The Court further held that delay alone does not extinguish title, particularly when the plaintiff pleaded continuous possession, reliance on original sale deeds, and active construction over the land.
Trial Court's Premature Conclusion Termed Legal Error – Parties Must Be Allowed to Prove or Disprove Benami Nature
The Trial Court had sided with the defendant's contention that since the suit was filed after the enforcement of the Act in 1988, Section 4 squarely barred the claim, regardless of the date of transaction.
The High Court categorically overruled this view, noting that mere filing of suit post-1988 does not ipso facto trigger Section 4, especially when the alleged transaction occurred in 1980 and when the plaintiff remains in possession:
“The learned Trial Court erred in rejecting the plaint by conclusively applying Section 4 of the Act without trial – determination of benami nature and statutory bar requires full adjudication.”
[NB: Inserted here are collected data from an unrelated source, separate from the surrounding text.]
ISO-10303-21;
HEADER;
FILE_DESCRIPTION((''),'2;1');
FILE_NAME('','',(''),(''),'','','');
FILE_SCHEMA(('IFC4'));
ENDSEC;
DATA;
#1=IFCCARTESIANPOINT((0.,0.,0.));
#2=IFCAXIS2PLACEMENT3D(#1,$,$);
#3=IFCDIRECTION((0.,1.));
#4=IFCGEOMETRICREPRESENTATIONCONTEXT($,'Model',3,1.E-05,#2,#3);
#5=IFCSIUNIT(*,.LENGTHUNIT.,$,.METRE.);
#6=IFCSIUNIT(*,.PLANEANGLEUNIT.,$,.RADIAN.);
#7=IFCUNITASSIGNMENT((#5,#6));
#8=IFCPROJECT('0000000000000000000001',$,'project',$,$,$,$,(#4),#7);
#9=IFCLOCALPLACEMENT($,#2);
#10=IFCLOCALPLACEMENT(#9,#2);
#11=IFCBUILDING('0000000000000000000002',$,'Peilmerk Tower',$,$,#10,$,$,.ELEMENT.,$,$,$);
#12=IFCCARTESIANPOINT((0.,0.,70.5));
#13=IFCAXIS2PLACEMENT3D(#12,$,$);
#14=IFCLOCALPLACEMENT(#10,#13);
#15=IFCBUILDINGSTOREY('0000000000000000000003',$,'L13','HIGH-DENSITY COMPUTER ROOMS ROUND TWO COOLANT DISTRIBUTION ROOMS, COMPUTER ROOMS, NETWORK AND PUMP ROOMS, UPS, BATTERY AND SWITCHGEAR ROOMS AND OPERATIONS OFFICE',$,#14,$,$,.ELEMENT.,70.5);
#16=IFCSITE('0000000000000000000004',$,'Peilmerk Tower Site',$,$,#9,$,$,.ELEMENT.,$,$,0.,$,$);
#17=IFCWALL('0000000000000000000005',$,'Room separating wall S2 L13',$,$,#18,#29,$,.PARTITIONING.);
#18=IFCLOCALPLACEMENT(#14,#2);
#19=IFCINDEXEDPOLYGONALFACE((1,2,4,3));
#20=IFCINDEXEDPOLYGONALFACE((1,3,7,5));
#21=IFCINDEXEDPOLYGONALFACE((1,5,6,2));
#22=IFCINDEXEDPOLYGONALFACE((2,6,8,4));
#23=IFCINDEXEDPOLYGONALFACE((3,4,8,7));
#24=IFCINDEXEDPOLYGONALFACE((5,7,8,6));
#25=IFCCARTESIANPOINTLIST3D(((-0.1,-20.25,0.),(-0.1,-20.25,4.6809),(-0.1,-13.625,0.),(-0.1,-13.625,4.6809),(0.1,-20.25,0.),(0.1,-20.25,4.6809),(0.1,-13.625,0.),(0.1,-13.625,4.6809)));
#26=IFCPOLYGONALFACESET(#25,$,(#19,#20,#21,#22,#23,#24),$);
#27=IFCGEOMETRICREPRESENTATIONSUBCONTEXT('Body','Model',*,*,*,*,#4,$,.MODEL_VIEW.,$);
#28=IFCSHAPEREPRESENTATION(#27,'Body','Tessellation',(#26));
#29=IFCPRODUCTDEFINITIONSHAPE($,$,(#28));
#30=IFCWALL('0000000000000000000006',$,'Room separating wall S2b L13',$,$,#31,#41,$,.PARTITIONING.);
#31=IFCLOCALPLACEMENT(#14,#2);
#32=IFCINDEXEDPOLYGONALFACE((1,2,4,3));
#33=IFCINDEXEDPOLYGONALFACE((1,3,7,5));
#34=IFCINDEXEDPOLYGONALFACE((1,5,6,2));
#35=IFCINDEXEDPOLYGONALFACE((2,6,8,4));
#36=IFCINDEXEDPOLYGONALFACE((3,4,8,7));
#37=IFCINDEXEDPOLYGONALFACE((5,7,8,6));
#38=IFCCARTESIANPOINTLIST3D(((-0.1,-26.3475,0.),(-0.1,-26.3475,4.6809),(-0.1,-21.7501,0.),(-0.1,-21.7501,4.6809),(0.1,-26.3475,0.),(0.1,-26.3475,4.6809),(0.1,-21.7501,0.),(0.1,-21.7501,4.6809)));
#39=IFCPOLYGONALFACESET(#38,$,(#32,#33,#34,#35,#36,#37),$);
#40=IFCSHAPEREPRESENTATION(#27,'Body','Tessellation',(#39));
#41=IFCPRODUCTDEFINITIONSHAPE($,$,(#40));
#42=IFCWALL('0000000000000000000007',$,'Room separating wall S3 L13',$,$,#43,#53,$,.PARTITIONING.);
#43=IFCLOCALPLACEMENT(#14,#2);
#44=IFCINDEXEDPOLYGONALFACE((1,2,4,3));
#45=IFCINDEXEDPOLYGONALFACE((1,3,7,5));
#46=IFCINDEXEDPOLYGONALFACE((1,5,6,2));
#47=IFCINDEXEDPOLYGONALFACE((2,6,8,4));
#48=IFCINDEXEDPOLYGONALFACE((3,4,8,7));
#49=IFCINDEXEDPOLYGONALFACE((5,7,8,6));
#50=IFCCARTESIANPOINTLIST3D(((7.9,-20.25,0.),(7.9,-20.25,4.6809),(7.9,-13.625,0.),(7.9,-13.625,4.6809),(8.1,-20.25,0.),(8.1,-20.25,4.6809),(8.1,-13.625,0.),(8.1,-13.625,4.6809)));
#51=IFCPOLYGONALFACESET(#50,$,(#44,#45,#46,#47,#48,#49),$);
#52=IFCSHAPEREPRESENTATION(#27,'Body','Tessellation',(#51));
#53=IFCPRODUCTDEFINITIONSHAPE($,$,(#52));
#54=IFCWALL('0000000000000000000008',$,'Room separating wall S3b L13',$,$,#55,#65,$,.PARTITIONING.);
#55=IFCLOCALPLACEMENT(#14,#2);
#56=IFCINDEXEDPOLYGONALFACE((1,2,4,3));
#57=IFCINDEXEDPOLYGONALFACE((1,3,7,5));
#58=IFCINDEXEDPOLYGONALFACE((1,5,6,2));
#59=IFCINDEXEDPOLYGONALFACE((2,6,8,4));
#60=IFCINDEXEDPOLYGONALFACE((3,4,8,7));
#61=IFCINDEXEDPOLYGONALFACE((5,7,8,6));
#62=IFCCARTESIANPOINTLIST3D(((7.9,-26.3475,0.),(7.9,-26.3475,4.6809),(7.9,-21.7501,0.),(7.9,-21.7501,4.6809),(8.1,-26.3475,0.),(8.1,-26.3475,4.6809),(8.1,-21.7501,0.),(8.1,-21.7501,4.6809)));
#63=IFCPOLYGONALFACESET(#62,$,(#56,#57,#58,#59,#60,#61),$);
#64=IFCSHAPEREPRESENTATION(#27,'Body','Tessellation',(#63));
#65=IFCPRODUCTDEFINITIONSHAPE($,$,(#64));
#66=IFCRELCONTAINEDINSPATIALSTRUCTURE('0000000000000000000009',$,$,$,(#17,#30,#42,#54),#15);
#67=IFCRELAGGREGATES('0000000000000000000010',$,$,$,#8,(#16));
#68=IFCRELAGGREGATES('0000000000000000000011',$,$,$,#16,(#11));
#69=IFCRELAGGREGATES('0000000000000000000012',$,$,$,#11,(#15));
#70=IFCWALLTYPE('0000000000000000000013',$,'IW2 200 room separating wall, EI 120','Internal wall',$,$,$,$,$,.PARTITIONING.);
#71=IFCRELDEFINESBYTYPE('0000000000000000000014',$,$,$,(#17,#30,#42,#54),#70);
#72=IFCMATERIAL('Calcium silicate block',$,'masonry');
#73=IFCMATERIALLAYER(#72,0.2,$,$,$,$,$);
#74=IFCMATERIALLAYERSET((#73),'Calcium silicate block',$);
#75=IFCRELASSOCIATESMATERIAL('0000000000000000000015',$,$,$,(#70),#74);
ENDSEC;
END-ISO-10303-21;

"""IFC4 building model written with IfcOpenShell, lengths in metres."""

from ifc_helpers import new_model, si_unit, direction, frame, frame_2d, origin, place, context, subcontext, project, spatial, rectangle, extrude, material, layer, layer_set, type_object, element, save


model = new_model("IFC4")

# Units and contexts
model_context = context("Model", 3, precision=1e-05, world=origin(), true_north=direction((0.0, 1.0)))
body_context = subcontext(model_context, "Body", "Model", "MODEL_VIEW")
ifc_project = project(units=[si_unit("LENGTHUNIT", "METRE"), si_unit("PLANEANGLEUNIT", "RADIAN")], contexts=[model_context])

# Site, building, storey
site_placement = place(None, origin())
site = spatial("IfcSite", under=ifc_project, at=site_placement, Name="Peilmerk Tower Site", CompositionType="ELEMENT", RefElevation=0.0)
building_placement = place(site_placement, origin())
building = spatial("IfcBuilding", under=site, at=building_placement, Name="Peilmerk Tower", CompositionType="ELEMENT")
storey_placement = place(building_placement, frame((0.0, 0.0, 70.5)))
storey = spatial("IfcBuildingStorey", under=building, at=storey_placement, Name="L13", Description="HIGH-DENSITY COMPUTER ROOMS ROUND TWO COOLANT DISTRIBUTION ROOMS, COMPUTER ROOMS, NETWORK AND PUMP ROOMS, UPS, BATTERY AND SWITCHGEAR ROOMS AND OPERATIONS OFFICE", CompositionType="ELEMENT", Elevation=70.5)

# Walls
ifc_material_1 = material(Name="Calcium silicate block", Category="masonry")
ifc_layer = layer(ifc_material_1, 0.2)
ifc_layer_set = layer_set([ifc_layer], Name="Calcium silicate block")
wall_type = type_object("IfcWallType", Name="IW2 200 room separating wall, EI 120", Description="Internal wall", PredefinedType="PARTITIONING", material=ifc_layer_set)
wall_1_placement = place(storey_placement, frame((0.0, -13.625, 0.0), z_axis=(0.0, 0.0, 1.0), x_axis=(0.0, -1.0, 0.0)))
element("IfcWall", 1, at=wall_1_placement, inside=storey, type_object=wall_type, Name="Room separating wall S2 L13", PredefinedType="PARTITIONING", context=body_context, shape_type="SweptSolid", body=[
    extrude(rectangle(XDim=6.625, YDim=0.2, at=frame_2d((3.3125, 0.0))), origin(), (0.0, 0.0, 1.0), 4.6809),
])
wall_2_placement = place(storey_placement, frame((0.0, -21.75, 0.0), z_axis=(0.0, 0.0, 1.0), x_axis=(0.0, -1.0, 0.0)))
element("IfcWall", 2, at=wall_2_placement, inside=storey, type_object=wall_type, Name="Room separating wall S2b L13", PredefinedType="PARTITIONING", context=body_context, shape_type="SweptSolid", body=[
    extrude(rectangle(XDim=4.5974, YDim=0.2, at=frame_2d((2.2988, 0.0))), origin(), (0.0, 0.0, 1.0), 4.6809),
])
wall_3_placement = place(storey_placement, frame((8.0, -13.625, 0.0), z_axis=(0.0, 0.0, 1.0), x_axis=(0.0, -1.0, 0.0)))
element("IfcWall", 3, at=wall_3_placement, inside=storey, type_object=wall_type, Name="Room separating wall S3 L13", PredefinedType="PARTITIONING", context=body_context, shape_type="SweptSolid", body=[
    extrude(rectangle(XDim=6.625, YDim=0.2, at=frame_2d((3.3125, 0.0))), origin(), (0.0, 0.0, 1.0), 4.6809),
])
wall_4_placement = place(storey_placement, frame((8.0, -21.75, 0.0), z_axis=(0.0, 0.0, 1.0), x_axis=(0.0, -1.0, 0.0)))
element("IfcWall", 4, at=wall_4_placement, inside=storey, type_object=wall_type, Name="Room separating wall S3b L13", PredefinedType="PARTITIONING", context=body_context, shape_type="SweptSolid", body=[
    extrude(rectangle(XDim=4.5974, YDim=0.2, at=frame_2d((2.2988, 0.0))), origin(), (0.0, 0.0, 1.0), 4.6809),
])

save(model, "model.ifc")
Relying on the precedent of R. Rajagopal Reddy v. Padmini Chandrasekharan, the Court reminded that Section 4 does not have retrospective application, and whether the suit is caught by it depends entirely on evidence.
"Court Must Proceed on Meaningful Reading of the Plaint, Not on Inference or Disputed Facts"
Justice Ramesh Chand Malviya underscored that “a plaint must be read as a whole and its averments presumed to be true” while testing under Order VII Rule 11. It is only where the suit is ex facie barred by law, that rejection is warranted. In this case, he held:
“If the statements in the plaint are taken to be true, it cannot be said that it does not disclose a cause of action. This is a matter of trial, the result of which would depend upon the evidence adduced.”
The Court also refused to dismiss the appeal on grounds such as non-joinder of parties, prior mutation orders, or possession claimed by subsequent purchasers, stating these were all issues requiring evidentiary adjudication, not grounds for summary rejection.
Appeal Allowed – Suit Restored for Full Trial
Setting aside the judgment and decree dated 04.06.2012 passed by the Sub-ordinate Judge, Sitamarhi, the High Court restored Title Suit No. 196 of 2011 to the trial court's docket, directing:
“The learned Trial Court shall adjudicate the suit on its own merits in accordance with law and uninfluenced by the observations made by this Court in this judgment.”
The Trial Court record was ordered to be returned forthwith and both parties were directed to appear for trial proceedings.